State ready to honor Carson

Biologist detailed pesticides' problems

March 04, 2007|By Candus Thomson | Candus Thomson,[Sun writer]

One hundred years after her birth and nearly 45 years since publication of her environmental call to action, Silent Spring, Maryland is preparing to honor Rachel Louise Carson.

"She's in the pantheon of environmental stars," said state Sen. Brian E. Frosh, who is sponsoring a bill to designate her May 27 birthday as Rachel Carson Day. "Of all the Marylanders who contributed to our well-being and the world's, she's up there."

Silent Spring was more than a best-seller. The ground-breaking book made the connection between the indiscriminate use of pesticides, such as DDT, and the destruction of animals and plants.

Carson lived in Maryland for more than 35 years as a student, teacher, biologist, writer and - finally - reluctant celebrity. She attended graduate school at the Johns Hopkins University and was a member of the University of Maryland's zoology staff. While working for the U.S. Fish and Wildlife Service, she supplemented her income by writing for The Sun in the late 1930s.

Carson researched and wrote Silent Spring at her Silver Spring home, much of it while sitting on her back porch surrounded by flowers and her bird feeders. She died of breast cancer April 14, 1964, at the age of 56.

Frosh acknowledges Maryland is playing catch-up. Carson's birth state, Pennsylvania, has observed her birthday for almost 10 years. Health activists in Toronto use the day to promote breast cancer awareness. Other governments - such as Takoma Park and Cape May, N.J. - have set the date aside for her.

The Montgomery County Democrat said he was surprised to learn that the state had done little to honor Carson.

"She's the mother of the environmental movement, period," Frosh said. "This is a great woman, and we ought to be taking credit for her."

Elsewhere, the centennial bandwagon is rolling.

The U.S. Fish and Wildlife Service started an online book club this month to discuss her work.

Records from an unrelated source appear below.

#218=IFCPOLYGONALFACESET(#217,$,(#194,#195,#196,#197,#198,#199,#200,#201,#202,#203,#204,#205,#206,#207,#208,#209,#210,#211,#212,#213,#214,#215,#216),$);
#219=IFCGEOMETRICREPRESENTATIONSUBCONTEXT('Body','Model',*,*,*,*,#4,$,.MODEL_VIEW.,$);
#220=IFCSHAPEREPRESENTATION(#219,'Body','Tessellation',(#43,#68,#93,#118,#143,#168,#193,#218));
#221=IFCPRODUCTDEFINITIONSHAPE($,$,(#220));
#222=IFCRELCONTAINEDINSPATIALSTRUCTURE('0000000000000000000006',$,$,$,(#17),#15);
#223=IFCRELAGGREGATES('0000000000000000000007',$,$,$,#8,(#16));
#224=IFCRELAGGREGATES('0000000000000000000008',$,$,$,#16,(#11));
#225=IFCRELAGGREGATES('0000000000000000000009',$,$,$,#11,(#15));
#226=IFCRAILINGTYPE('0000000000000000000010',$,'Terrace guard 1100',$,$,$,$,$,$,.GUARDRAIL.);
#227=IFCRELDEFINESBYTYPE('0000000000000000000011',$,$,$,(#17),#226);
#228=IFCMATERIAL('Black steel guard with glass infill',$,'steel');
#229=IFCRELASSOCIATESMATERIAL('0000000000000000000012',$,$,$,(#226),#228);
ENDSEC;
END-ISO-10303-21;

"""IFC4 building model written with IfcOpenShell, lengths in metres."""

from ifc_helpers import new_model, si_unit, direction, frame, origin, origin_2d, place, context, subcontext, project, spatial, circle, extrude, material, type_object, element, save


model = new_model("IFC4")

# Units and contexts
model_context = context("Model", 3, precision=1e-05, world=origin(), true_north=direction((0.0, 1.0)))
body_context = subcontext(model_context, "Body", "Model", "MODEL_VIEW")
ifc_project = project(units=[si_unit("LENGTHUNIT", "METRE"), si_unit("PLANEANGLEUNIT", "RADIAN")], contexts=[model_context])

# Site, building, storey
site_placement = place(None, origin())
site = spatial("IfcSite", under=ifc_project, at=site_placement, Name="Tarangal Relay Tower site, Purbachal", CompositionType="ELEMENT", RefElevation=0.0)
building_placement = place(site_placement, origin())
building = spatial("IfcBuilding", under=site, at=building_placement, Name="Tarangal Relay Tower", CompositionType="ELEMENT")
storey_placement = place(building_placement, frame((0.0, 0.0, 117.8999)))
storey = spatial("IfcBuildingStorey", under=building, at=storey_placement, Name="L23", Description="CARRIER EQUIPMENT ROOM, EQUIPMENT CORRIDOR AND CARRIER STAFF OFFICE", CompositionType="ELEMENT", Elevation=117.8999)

It will run until November (rcbookclub.blogspot.com).

On March 22, the National Archives will show the 1963 CBS documentary The Silent Spring of Rachel Carson and display documents relating to her career.

Before Tuesday's hearing on the Frosh bill, the Virginia-based Newton Marasco Foundation will announce a Rachel Carson Scholar Program for high school juniors and seniors who participate in environmental activities.

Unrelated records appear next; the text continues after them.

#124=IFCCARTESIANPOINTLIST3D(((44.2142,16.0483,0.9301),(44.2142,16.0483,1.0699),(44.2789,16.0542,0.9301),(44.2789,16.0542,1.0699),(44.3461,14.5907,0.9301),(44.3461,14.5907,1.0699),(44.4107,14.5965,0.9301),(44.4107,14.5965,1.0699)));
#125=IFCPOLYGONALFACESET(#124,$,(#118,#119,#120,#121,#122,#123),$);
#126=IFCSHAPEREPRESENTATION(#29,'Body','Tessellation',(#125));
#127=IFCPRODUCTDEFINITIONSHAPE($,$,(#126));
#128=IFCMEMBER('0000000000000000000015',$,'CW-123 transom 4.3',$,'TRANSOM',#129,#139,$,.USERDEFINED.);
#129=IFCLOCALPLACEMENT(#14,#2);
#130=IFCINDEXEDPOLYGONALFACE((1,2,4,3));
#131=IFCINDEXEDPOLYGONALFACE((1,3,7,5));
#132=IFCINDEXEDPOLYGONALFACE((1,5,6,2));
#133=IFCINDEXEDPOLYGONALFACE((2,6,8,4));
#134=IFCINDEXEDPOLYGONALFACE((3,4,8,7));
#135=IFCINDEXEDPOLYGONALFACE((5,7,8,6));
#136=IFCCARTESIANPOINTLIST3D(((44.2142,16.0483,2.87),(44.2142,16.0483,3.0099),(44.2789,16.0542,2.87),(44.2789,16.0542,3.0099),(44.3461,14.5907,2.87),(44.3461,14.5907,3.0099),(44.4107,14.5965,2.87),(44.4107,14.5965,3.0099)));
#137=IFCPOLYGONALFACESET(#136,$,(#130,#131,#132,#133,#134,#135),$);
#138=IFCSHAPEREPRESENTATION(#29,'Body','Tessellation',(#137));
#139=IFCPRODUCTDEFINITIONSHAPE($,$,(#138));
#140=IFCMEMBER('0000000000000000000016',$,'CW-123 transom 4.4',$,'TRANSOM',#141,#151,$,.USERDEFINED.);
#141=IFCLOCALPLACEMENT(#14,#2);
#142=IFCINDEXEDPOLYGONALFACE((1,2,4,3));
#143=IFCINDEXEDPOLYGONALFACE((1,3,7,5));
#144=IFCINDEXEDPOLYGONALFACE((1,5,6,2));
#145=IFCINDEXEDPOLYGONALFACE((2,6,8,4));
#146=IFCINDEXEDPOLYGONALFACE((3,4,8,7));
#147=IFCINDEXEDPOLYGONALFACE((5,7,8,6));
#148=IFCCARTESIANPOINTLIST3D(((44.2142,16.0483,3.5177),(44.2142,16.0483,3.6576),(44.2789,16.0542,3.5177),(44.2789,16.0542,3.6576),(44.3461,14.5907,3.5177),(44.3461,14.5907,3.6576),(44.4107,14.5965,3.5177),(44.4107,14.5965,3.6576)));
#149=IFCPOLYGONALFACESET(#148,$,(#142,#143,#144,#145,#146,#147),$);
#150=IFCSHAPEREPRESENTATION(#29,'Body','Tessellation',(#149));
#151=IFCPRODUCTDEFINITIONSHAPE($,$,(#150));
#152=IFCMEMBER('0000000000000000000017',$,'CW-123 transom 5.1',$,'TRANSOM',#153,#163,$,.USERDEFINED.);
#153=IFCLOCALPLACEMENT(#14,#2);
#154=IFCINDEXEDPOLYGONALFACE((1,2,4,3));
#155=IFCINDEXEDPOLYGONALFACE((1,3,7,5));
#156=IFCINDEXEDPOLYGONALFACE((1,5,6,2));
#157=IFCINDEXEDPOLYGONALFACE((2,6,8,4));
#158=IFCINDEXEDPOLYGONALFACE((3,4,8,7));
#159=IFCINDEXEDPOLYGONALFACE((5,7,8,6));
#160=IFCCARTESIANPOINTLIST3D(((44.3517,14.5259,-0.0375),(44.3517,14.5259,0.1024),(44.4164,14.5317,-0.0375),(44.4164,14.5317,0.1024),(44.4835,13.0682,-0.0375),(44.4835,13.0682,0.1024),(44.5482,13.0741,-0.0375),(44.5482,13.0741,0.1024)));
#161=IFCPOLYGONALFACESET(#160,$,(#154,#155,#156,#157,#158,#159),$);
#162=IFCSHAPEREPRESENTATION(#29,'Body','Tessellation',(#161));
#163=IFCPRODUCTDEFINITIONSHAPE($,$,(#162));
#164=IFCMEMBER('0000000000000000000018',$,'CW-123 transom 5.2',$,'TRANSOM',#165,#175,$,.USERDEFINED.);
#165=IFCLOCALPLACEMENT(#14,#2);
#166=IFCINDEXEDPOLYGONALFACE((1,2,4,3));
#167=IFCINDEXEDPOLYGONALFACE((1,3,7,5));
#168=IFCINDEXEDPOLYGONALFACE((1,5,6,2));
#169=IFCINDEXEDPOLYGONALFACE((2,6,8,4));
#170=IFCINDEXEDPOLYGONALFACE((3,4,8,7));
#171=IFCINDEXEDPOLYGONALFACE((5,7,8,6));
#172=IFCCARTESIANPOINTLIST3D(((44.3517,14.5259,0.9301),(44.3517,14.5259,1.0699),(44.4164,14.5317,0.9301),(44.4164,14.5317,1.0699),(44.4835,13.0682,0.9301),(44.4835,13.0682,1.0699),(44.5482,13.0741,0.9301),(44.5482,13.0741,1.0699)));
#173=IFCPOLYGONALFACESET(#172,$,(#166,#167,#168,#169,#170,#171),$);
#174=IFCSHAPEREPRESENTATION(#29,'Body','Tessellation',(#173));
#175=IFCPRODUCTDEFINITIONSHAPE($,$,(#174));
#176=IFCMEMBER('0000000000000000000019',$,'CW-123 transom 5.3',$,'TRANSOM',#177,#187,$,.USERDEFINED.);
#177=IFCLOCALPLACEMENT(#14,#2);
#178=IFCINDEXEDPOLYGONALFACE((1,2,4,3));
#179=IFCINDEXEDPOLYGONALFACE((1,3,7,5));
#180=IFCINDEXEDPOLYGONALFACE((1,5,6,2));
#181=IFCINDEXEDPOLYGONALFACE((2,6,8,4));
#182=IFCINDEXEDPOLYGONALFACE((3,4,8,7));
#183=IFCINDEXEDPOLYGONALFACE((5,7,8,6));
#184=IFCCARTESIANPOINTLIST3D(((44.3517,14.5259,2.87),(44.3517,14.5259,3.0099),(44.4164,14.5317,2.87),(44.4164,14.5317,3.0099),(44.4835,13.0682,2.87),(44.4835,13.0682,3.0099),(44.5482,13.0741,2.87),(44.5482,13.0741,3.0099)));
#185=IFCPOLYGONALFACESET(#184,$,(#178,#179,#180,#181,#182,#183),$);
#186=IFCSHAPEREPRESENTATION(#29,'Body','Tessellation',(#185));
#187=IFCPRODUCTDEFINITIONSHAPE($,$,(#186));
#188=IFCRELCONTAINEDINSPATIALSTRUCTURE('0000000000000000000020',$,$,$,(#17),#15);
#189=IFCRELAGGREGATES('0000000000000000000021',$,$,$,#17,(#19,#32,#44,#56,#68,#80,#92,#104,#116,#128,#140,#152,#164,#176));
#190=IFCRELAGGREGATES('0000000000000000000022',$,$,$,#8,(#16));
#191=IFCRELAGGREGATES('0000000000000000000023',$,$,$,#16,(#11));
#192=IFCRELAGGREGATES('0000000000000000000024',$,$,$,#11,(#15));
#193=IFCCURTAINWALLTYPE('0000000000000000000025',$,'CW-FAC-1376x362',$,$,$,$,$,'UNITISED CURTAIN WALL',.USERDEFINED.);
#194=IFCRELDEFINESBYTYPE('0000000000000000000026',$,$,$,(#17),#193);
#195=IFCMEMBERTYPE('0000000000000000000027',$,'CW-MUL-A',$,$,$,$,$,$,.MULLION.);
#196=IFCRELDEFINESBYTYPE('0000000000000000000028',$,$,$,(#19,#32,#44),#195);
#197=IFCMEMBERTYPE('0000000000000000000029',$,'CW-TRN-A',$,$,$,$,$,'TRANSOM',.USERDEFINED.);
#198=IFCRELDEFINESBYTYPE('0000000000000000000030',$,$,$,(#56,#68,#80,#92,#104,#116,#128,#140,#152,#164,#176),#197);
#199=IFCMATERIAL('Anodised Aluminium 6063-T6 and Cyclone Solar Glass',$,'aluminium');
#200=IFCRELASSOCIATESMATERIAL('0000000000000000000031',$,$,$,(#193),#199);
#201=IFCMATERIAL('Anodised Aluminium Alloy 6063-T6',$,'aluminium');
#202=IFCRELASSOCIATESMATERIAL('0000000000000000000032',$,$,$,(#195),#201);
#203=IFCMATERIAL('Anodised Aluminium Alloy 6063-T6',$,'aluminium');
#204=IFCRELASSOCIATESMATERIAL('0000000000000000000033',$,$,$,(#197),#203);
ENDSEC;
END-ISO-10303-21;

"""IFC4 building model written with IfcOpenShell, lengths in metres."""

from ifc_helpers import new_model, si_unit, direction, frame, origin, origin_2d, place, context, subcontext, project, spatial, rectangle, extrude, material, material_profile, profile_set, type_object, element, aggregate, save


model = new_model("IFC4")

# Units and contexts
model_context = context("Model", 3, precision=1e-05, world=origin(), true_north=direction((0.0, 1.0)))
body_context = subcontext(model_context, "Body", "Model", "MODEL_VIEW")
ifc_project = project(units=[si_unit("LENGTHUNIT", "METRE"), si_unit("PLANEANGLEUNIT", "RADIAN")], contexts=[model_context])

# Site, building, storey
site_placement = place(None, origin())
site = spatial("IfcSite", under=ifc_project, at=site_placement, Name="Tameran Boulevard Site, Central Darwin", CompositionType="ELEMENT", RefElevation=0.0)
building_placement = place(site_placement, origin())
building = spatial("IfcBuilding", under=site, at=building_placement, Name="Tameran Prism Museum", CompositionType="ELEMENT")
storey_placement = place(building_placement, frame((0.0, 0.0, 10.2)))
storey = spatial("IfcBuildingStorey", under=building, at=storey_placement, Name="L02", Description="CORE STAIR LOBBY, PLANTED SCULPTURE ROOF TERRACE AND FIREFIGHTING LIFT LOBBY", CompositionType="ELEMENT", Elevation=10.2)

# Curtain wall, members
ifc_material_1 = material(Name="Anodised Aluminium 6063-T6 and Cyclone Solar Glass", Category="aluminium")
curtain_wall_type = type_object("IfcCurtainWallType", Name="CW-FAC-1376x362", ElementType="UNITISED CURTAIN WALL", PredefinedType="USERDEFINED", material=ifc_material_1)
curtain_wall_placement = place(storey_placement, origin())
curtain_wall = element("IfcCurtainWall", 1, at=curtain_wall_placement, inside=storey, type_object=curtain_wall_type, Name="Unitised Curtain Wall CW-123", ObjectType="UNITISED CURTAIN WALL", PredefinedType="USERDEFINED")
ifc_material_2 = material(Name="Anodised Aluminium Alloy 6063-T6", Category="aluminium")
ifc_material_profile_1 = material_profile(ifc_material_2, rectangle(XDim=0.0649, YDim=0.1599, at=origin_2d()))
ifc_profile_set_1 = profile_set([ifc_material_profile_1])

Amy Marasco Newton said she hopes within five years to fund scholars across the country to encourage stewardship.

"For me, the centennial is about celebrating Rachel Carson's contributions, and the scholar program is about continuing her legacy with the next generation so that she is not forgotten again," Newton said.

Before Silent Spring, Carson wrote three other books about the environment. The Sea Around Us, published in 1951, was on the national best-seller lists for nearly 1 1/2 years, spending almost half that time at No. 1. She used her profits to have a house built in the woodsy Silver Spring subdivision of Quaint Acres and to buy a cottage on the coast of Maine.

In Silent Spring's re-release five years ago, former Vice President Al Gore wrote in the book's introduction that it marked "the beginning of the environmental movement" and showed the power of one person.

Before its September 1962 publication, the book was attacked as "hysterical" by chemical companies. A trade magazine predicted: "It is fairly safe to hope that by March or April, Silent Spring will no longer be an interesting conversational subject."

Three sponsors withdrew from the CBS show and 1,000 protest letters arrived at the network. Time magazine called her conclusions "patently unsound." Even the American Medical Association found fault.

But Americans were riveted, and President John F. Kennedy ordered an investigation into the dangers of pesticides in 1962. When Kennedy's panel of scientists concluded in a 1963 report that toxic chemicals had the potential to be "a much greater hazard" than radioactive fallout, the tide turned.

DDT was banned by the Environmental Protection Agency in 1972.

And in 1999, Time magazine named Carson one of its 100 most influential people of the 20th century.